Answer: The residual variance is estimating the
variation that is left unexplained by linear model. We have the residual
variance equal to
fit<-lm(mpg~drat, mtcars)
sum(resid(fit)^2)/(nrow(mtcars)-2)
[1] 20.11889
summary(fit)$sigma^2
[1] 20.11889
Thus we say that the residual variance is the average of the squared residuals divided by n-2.
15. Refer to question 13. Give the R squared for
this model.
Answer: We get the R squared for this model by getting
the summary of fit. We have,
summary(fit)
Call:
lm(formula = mpg ~ drat, data = mtcars)
Residuals:
Min 1Q Median 3Q Max
-9.0775 -2.6803 -0.2095 2.2976 9.0225
Coefficients:
Estimate Std.
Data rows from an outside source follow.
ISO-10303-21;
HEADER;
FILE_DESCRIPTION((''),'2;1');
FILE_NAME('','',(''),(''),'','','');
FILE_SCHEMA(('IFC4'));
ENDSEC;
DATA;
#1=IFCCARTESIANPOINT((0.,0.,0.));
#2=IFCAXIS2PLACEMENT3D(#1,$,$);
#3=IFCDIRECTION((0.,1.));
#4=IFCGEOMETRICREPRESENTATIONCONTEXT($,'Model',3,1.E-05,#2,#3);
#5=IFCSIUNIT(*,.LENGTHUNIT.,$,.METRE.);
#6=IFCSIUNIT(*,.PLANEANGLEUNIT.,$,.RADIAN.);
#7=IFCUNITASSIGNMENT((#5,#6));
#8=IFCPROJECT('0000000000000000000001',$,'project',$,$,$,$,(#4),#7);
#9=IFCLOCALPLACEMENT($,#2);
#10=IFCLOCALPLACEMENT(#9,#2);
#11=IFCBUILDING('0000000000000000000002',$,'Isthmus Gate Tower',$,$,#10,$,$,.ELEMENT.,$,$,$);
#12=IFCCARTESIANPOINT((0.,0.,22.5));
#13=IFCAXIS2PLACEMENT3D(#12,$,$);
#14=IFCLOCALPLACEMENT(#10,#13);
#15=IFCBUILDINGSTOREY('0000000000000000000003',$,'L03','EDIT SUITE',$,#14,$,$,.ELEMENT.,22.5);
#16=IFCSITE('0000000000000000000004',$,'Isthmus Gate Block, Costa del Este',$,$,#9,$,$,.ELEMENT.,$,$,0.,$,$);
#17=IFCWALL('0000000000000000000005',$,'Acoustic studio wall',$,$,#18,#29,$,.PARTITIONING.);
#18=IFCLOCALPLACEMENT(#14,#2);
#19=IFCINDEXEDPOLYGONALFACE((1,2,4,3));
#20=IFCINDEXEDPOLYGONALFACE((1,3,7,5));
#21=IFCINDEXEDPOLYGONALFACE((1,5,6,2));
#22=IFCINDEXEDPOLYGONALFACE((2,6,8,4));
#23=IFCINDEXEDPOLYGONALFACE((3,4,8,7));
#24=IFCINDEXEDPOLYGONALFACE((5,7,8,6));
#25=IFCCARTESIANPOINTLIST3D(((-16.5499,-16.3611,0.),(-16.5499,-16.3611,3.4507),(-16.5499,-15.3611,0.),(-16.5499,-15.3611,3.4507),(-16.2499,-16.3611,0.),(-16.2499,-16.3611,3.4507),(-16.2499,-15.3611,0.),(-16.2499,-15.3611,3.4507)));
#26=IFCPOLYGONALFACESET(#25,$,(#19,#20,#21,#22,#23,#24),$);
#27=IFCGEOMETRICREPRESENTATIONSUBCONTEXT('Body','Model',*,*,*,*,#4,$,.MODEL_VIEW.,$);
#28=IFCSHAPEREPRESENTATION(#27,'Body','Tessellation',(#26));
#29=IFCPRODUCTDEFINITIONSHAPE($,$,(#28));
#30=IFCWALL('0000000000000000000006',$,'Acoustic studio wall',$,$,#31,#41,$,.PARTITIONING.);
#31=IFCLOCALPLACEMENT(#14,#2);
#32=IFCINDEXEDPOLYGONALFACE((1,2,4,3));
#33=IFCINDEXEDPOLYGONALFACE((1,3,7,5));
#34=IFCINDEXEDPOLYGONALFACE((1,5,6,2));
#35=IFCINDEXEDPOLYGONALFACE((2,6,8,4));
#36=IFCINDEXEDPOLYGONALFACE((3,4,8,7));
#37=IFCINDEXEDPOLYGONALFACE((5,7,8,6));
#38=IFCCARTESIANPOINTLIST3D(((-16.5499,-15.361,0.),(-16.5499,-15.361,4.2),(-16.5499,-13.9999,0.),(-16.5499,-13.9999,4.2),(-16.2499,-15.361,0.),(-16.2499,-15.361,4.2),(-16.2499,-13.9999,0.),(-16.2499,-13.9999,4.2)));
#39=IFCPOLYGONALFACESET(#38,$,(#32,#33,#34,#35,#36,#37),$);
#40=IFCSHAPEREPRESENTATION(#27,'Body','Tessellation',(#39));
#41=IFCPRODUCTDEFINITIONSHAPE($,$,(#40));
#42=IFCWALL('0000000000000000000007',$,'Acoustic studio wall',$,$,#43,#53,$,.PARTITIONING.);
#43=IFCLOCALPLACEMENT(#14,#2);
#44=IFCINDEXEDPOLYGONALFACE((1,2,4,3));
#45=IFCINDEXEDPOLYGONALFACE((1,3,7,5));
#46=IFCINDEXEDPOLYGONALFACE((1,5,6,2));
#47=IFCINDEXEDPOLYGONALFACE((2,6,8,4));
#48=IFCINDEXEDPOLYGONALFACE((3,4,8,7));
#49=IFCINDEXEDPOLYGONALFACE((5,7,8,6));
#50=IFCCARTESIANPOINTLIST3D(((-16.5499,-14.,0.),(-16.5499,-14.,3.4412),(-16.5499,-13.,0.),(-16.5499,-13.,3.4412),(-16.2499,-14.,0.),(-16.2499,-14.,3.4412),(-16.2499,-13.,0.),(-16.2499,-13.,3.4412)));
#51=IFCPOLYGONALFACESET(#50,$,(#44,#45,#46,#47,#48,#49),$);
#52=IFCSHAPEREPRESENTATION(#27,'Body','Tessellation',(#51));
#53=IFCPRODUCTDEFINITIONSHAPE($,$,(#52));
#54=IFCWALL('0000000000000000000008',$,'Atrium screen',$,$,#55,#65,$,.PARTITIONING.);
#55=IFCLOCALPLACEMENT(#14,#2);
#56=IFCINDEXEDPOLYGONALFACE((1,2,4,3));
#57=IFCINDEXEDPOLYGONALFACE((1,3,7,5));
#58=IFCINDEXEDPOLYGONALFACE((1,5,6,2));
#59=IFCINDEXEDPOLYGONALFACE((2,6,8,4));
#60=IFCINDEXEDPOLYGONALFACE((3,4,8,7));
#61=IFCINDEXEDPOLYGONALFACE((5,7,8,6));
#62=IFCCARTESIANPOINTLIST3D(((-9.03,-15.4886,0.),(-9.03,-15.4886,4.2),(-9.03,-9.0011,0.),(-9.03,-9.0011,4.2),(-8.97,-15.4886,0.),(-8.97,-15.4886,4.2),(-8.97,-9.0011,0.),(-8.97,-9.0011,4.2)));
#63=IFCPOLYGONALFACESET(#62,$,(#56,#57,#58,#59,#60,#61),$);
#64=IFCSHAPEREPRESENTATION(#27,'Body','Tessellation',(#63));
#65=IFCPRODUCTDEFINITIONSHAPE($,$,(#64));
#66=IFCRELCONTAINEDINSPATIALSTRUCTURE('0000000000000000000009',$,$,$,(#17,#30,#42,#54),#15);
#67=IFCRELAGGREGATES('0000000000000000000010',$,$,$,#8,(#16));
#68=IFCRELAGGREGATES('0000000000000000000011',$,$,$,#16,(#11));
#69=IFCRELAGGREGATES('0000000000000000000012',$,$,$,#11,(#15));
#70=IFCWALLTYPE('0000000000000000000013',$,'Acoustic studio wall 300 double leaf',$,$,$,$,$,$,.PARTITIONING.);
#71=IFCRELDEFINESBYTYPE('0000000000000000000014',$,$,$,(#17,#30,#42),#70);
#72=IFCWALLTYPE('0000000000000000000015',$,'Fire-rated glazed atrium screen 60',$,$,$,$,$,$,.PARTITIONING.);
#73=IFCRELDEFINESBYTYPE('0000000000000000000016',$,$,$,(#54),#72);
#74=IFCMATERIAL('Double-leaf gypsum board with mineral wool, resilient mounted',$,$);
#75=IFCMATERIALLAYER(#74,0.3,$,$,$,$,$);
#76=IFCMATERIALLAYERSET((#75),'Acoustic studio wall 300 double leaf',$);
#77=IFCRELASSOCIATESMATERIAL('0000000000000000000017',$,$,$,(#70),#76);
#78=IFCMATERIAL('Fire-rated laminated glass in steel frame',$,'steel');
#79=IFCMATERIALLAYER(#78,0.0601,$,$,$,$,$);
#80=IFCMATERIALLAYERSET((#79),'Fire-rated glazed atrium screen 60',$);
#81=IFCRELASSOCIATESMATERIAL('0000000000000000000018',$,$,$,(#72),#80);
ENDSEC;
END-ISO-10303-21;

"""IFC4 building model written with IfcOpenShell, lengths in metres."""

from ifc_helpers import new_model, si_unit, direction, frame, frame_2d, origin, place, context, subcontext, project, spatial, rectangle, extrude, material, layer, layer_set, type_object, element, save


model = new_model("IFC4")

# Units and contexts
model_context = context("Model", 3, precision=1e-05, world=origin(), true_north=direction((0.0, 1.0)))
body_context = subcontext(model_context, "Body", "Model", "MODEL_VIEW")
ifc_project = project(units=[si_unit("LENGTHUNIT", "METRE"), si_unit("PLANEANGLEUNIT", "RADIAN")], contexts=[model_context])

# Site, building, storey
site_placement = place(None, origin())
site = spatial("IfcSite", under=ifc_project, at=site_placement, Name="Isthmus Gate Block, Costa del Este", CompositionType="ELEMENT", RefElevation=0.0)
building_placement = place(site_placement, origin())
building = spatial("IfcBuilding", under=site, at=building_placement, Name="Isthmus Gate Tower", CompositionType="ELEMENT")
storey_placement = place(building_placement, frame((0.0, 0.0, 22.5)))
storey = spatial("IfcBuildingStorey", under=building, at=storey_placement, Name="L03", Description="EDIT SUITE", CompositionType="ELEMENT", Elevation=22.5)

# Walls
ifc_material_1 = material(Name="Double-leaf gypsum board with mineral wool, resilient mounted")
ifc_layer_1 = layer(ifc_material_1, 0.3)
ifc_layer_set_1 = layer_set([ifc_layer_1], Name="Acoustic studio wall 300 double leaf")
wall_type_1 = type_object("IfcWallType", Name="Acoustic studio wall 300 double leaf", PredefinedType="PARTITIONING", material=ifc_layer_set_1)
wall_1_placement = place(storey_placement, frame((-16.3999, -16.3611, 0.0), z_axis=(0.0, 0.0, 1.0), x_axis=(0.0, 1.0, 0.0)))
element("IfcWall", 1, at=wall_1_placement, inside=storey, type_object=wall_type_1, Name="Acoustic studio wall", PredefinedType="PARTITIONING", context=body_context, shape_type="SweptSolid", body=[
    extrude(rectangle(XDim=1.0, YDim=0.3, at=frame_2d((0.5, 0.0))), origin(), (0.0, 0.0, 1.0), 3.4507),
])
wall_2_placement = place(storey_placement, frame((-16.3999, -15.3611, 0.0), z_axis=(0.0, 0.0, 1.0), x_axis=(0.0, 1.0, 0.0)))
element("IfcWall", 2, at=wall_2_placement, inside=storey, type_object=wall_type_1, Name="Acoustic studio wall", PredefinedType="PARTITIONING", context=body_context, shape_type="SweptSolid", body=[
    extrude(rectangle(XDim=1.3611, YDim=0.3, at=frame_2d((0.6807, 0.0))), origin(), (0.0, 0.0, 1.0), 4.2),
])
wall_3_placement = place(storey_placement, frame((-16.3999, -14.0, 0.0), z_axis=(0.0, 0.0, 1.0), x_axis=(0.0, 1.0, 0.0)))
element("IfcWall", 3, at=wall_3_placement, inside=storey, type_object=wall_type_1, Name="Acoustic studio wall", PredefinedType="PARTITIONING", context=body_context, shape_type="SweptSolid", body=[
    extrude(rectangle(XDim=1.0, YDim=0.3, at=frame_2d((0.5, 0.0))), origin(), (0.0, 0.0, 1.0), 3.4412),
])
ifc_material_2 = material(Name="Fire-rated laminated glass in steel frame", Category="steel")
ifc_layer_2 = layer(ifc_material_2, 0.0601)
ifc_layer_set_2 = layer_set([ifc_layer_2], Name="Fire-rated glazed atrium screen 60")
wall_type_2 = type_object("IfcWallType", Name="Fire-rated glazed atrium screen 60", PredefinedType="PARTITIONING", material=ifc_layer_set_2)
wall_4_placement = place(storey_placement, frame((-9.0, -15.4885, 0.0), z_axis=(0.0, 0.0, 1.0), x_axis=(0.0, 1.0, 0.0)))
element("IfcWall", 4, at=wall_4_placement, inside=storey, type_object=wall_type_2, Name="Atrium screen", PredefinedType="PARTITIONING", context=body_context, shape_type="SweptSolid", body=[
    extrude(rectangle(XDim=6.4875, YDim=0.0601, at=frame_2d((3.2437, 0.0))), origin(), (0.0, 0.0, 1.0), 4.2),
])

save(model, "model.ifc")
Error t value Pr(>|t|)
(Intercept) -7.525 5.477 -1.374 0.18
drat 7.678 1.507 5.096 1.78e-05 ***
---
Signif. codes: 0 '***' 0.001 '**' 0.01 '*' 0.05 '.' 0.1 ' ' 1
Residual standard error: 4.485 on 30 degrees of freedom
Multiple R-squared: 0.464, Adjusted R-squared: 0.4461
F-statistic: 25.97 on 1 and 30 DF, p-value: 1.776e-05
Hence, we have the R squared equal to 0.464. Therefore, about 46.4 percent of the variation in miles per gallon is explained by the linear relationship with drat.